Uses and clinical applications

Dialectical behavioral therapy has shown its usefulness in a large number of disorders, being especially effective in the control of impulsive behaviors and intense emotions. Some of the disorders in which it is most indicated are the following.

Borderline personality disorder

Dialectical behavioral therapy is mainly known as the type of therapy that has the most empirical support in the treatment of borderline personality disorder. From the perspective of dialectical behavioral therapy this disorder is understood as a continuous pattern of emotional deregulation due to the interaction between biological variables that predispose to emotional vulnerability and a restrictive invalidating environment of emotions that prevents them from being managed efficiently.

This causes the emotions to end up intensifying and getting out of control, having an extreme emotional lability together with an intense feeling of inner emptiness that can end up leading to self-injurious and even suicidal behaviors and dependent and unpredictable attitudes. Thus, in this disorder, dialectical behavioral therapy aims to work on the vulnerability and feelings of helplessness of the subject, the vital passivity that they end up showing and the expression of anguish and repressed feelings.

  • Related article: "Personality Limit Disorder (BPD): Causes, Symptoms and Treatment"

Mood disorders

Dialectical behavioral therapy has been applied successfully to a large number of disorders in which the main problem were difficulties in regulating emotions. For this reason, studies indicate that it seems to be of great help in the reduction of symptoms of mood disorders like major depression.

Eating Disorders

Eating disorders such as anorexia, bulimia and binge eating disorder they usually have serious emotional regulation problems linked to the acceptance of their own body image or to an inability to maintain control over their own eating behavior.

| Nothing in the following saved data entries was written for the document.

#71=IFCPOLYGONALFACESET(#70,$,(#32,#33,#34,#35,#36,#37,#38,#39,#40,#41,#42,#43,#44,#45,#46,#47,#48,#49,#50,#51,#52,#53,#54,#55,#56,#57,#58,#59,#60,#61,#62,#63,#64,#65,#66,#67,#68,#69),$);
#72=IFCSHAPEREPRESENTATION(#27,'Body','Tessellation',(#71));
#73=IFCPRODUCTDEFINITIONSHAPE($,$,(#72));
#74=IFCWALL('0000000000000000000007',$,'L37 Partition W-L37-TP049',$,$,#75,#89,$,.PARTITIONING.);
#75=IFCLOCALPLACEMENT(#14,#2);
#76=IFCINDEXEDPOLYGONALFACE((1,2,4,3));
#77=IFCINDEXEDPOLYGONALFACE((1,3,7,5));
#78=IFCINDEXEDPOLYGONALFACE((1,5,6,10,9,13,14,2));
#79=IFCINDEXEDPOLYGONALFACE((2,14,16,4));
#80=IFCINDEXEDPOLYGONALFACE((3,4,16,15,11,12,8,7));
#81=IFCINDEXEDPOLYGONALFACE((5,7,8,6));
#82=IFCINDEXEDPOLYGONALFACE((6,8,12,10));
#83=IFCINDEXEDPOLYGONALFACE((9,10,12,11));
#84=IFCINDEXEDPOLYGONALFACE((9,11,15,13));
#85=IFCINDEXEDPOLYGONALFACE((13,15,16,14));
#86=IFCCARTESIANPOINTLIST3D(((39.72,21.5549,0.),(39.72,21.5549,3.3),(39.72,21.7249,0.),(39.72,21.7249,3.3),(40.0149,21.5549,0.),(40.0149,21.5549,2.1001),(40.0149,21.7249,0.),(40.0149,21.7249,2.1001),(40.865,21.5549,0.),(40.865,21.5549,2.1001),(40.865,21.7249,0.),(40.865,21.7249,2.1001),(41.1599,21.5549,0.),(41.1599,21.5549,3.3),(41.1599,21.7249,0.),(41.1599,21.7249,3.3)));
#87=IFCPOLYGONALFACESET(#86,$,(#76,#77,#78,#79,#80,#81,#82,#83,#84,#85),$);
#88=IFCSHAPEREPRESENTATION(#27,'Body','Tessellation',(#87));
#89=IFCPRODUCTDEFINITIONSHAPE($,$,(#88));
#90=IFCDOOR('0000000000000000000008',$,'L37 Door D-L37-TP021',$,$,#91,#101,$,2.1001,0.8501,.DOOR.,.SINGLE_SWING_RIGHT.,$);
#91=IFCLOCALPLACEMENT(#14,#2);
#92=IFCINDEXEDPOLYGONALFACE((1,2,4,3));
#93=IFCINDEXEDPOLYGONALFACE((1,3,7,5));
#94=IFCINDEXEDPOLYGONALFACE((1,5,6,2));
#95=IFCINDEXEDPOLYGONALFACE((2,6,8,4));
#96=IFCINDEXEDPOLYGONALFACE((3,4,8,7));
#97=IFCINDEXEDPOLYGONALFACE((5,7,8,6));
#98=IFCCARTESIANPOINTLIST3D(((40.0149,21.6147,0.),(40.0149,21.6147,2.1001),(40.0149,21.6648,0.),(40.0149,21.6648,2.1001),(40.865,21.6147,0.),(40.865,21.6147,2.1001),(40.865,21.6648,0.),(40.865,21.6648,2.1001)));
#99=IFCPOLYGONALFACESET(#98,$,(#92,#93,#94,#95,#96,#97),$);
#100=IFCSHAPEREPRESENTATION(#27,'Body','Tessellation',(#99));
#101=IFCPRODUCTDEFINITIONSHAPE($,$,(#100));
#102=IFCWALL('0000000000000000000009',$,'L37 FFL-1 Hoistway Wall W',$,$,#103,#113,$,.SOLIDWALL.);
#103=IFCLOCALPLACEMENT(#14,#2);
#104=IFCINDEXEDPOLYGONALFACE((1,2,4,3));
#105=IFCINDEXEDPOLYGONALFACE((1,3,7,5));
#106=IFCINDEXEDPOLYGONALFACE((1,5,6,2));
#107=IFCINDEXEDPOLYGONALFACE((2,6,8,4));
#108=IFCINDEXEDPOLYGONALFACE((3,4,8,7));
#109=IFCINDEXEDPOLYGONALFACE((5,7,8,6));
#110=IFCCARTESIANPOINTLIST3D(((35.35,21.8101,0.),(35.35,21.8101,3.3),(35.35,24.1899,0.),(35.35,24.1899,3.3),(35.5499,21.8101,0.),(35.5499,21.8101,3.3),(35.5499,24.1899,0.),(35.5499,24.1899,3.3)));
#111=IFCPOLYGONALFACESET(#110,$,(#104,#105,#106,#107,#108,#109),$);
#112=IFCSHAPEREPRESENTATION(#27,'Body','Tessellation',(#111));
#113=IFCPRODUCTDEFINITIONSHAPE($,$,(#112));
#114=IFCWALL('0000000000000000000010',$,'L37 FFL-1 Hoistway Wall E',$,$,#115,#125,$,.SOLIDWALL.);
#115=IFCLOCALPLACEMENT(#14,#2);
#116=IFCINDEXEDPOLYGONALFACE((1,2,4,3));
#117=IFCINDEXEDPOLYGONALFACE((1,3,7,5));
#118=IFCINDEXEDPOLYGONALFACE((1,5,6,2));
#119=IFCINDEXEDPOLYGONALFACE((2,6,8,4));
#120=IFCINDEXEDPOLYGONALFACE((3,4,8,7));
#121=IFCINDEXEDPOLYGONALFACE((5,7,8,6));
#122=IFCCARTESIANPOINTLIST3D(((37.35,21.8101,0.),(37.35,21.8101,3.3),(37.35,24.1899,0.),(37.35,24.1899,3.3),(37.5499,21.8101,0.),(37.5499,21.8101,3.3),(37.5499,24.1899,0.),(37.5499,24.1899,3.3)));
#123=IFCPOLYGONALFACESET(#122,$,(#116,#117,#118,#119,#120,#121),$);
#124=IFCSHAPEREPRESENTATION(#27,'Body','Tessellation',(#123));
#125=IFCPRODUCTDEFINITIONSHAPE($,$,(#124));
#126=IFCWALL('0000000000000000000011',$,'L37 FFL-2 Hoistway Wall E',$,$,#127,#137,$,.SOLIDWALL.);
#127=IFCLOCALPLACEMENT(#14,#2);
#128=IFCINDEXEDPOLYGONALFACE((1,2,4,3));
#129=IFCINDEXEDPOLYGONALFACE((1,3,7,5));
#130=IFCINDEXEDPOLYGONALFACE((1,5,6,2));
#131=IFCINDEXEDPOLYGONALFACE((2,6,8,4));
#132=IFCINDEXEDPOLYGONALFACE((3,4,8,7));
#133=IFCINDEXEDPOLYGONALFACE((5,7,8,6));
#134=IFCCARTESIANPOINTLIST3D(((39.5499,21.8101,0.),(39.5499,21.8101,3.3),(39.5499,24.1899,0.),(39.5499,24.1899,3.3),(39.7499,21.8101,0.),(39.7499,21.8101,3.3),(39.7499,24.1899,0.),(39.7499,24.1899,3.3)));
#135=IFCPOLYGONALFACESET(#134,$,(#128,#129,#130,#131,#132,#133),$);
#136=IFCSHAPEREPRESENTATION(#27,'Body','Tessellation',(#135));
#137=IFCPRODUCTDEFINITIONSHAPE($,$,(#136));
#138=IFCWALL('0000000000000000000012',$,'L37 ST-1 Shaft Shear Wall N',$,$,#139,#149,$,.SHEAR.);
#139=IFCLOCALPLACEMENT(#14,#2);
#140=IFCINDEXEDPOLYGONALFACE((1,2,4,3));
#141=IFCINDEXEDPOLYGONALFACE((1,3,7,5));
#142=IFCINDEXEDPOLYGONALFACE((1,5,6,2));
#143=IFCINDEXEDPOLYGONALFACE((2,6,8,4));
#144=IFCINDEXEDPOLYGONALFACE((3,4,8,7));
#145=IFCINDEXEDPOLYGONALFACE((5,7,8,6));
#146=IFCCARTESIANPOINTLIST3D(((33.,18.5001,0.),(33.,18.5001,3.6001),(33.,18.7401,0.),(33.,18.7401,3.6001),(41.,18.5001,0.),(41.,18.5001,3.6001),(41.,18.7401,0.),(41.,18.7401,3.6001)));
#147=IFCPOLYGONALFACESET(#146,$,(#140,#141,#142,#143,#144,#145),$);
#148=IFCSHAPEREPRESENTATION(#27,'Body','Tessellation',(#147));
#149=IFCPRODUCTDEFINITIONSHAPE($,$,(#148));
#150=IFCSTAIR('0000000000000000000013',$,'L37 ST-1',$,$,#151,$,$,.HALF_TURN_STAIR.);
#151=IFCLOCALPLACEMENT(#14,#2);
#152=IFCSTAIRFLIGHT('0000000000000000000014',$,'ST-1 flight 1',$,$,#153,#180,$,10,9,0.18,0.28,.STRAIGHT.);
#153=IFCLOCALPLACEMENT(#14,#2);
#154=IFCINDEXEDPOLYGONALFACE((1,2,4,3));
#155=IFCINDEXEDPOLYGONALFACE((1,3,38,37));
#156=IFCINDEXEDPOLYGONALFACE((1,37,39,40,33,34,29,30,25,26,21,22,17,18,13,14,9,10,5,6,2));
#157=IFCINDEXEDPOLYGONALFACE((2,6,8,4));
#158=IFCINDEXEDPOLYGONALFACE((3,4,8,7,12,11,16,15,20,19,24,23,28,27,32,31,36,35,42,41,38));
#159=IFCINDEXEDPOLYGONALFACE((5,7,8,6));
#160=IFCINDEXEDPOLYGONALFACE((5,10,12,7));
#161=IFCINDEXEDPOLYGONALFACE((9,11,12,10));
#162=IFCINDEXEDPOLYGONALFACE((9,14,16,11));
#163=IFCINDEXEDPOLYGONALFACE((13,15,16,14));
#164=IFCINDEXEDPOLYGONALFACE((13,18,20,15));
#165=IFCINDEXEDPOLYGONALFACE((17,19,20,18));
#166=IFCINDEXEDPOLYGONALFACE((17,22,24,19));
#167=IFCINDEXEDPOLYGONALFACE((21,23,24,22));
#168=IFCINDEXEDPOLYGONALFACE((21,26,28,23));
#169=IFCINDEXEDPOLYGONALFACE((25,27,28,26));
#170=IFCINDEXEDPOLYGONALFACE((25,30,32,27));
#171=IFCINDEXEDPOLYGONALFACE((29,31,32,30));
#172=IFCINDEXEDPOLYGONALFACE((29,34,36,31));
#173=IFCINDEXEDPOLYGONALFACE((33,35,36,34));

In this regard, dialectical behavioral therapy has shown that reduces the symptomatology of this type of disorders , especially binge eating disorder and bulimia nervosa in which massive food consumption occurs based on immediate impulses.

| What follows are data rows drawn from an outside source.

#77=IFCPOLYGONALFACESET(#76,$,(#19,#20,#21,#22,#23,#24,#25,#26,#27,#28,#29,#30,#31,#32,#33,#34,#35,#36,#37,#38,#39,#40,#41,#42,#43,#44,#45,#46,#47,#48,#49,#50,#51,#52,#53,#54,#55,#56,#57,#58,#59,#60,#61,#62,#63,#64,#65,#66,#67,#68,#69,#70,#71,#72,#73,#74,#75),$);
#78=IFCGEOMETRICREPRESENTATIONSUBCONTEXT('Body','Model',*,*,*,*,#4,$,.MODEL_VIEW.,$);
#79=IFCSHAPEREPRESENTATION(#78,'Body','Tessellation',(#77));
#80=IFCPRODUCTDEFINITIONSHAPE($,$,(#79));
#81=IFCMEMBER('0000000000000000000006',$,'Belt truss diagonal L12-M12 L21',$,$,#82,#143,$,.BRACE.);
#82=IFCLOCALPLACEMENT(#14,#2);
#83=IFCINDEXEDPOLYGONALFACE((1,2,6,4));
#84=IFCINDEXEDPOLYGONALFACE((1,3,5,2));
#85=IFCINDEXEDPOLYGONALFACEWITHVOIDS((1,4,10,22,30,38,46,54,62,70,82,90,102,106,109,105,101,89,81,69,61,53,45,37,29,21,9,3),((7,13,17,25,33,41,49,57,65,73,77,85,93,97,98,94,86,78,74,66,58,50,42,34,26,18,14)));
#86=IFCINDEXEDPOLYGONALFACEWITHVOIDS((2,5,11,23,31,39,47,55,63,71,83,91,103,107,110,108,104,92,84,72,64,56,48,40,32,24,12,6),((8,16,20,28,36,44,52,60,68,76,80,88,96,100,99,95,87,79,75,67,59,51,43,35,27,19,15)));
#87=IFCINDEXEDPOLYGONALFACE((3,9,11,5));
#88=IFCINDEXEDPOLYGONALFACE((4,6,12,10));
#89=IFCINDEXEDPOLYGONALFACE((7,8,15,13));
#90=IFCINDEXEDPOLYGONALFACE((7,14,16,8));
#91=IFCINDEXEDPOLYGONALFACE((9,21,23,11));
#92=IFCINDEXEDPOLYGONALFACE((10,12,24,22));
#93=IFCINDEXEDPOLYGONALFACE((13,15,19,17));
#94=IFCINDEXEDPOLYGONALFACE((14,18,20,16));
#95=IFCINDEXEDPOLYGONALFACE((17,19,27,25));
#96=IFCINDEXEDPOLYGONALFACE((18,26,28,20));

  • Related article: "The 10 most common eating disorders"

Substance abuse

It must be borne in mind that in a large number of cases the abusive use of substances is done with the intention of facing an existential vacuum, as a mechanism of escape, emotions that are difficult for the sufferer to suffer (such as fear or guilt) or to alleviate the compulsive desire to consume derived from abstinence to the substance to which one is addicted. Thus, in the cases in which behind the consumption there is a problem of regulation of the emotions the dialectic behavioral therapy It has also proven especially effective .

Others

Although not as successful as in the previous cases, behavioral dialectic therapy has been applied frequently in posttraumatic stress disorder as well as in anxiety disorders such as panic disorder.

Bibliographic references:

  • Almond, M.T. (2012). Psychotherapies CEDE Preparation Manual PIR, 06. CEDE: Madrid.
  • Aramburu, B. (1996). Dialectical behavioral therapy for borderline personality disorder. Behavioral Psychology, 4, 123-140.
  • Linehan, M. M. & Dimeff, L. (2001). Dialectical Behavior Therapy in a nutshell.The California Psychologist, 34, 10-13.
  • Soler, J .; Elices, M. and Carmona, C. (2016). Dialectic Behavioral Therapy: clinical applications and empirical evidence. Analysis and modification of Conduct, vol.42, nº165-166. 35-49.

Dialectical Behavior Therapy - Assisting our Clients in Regulating Their Emotions (March 2024).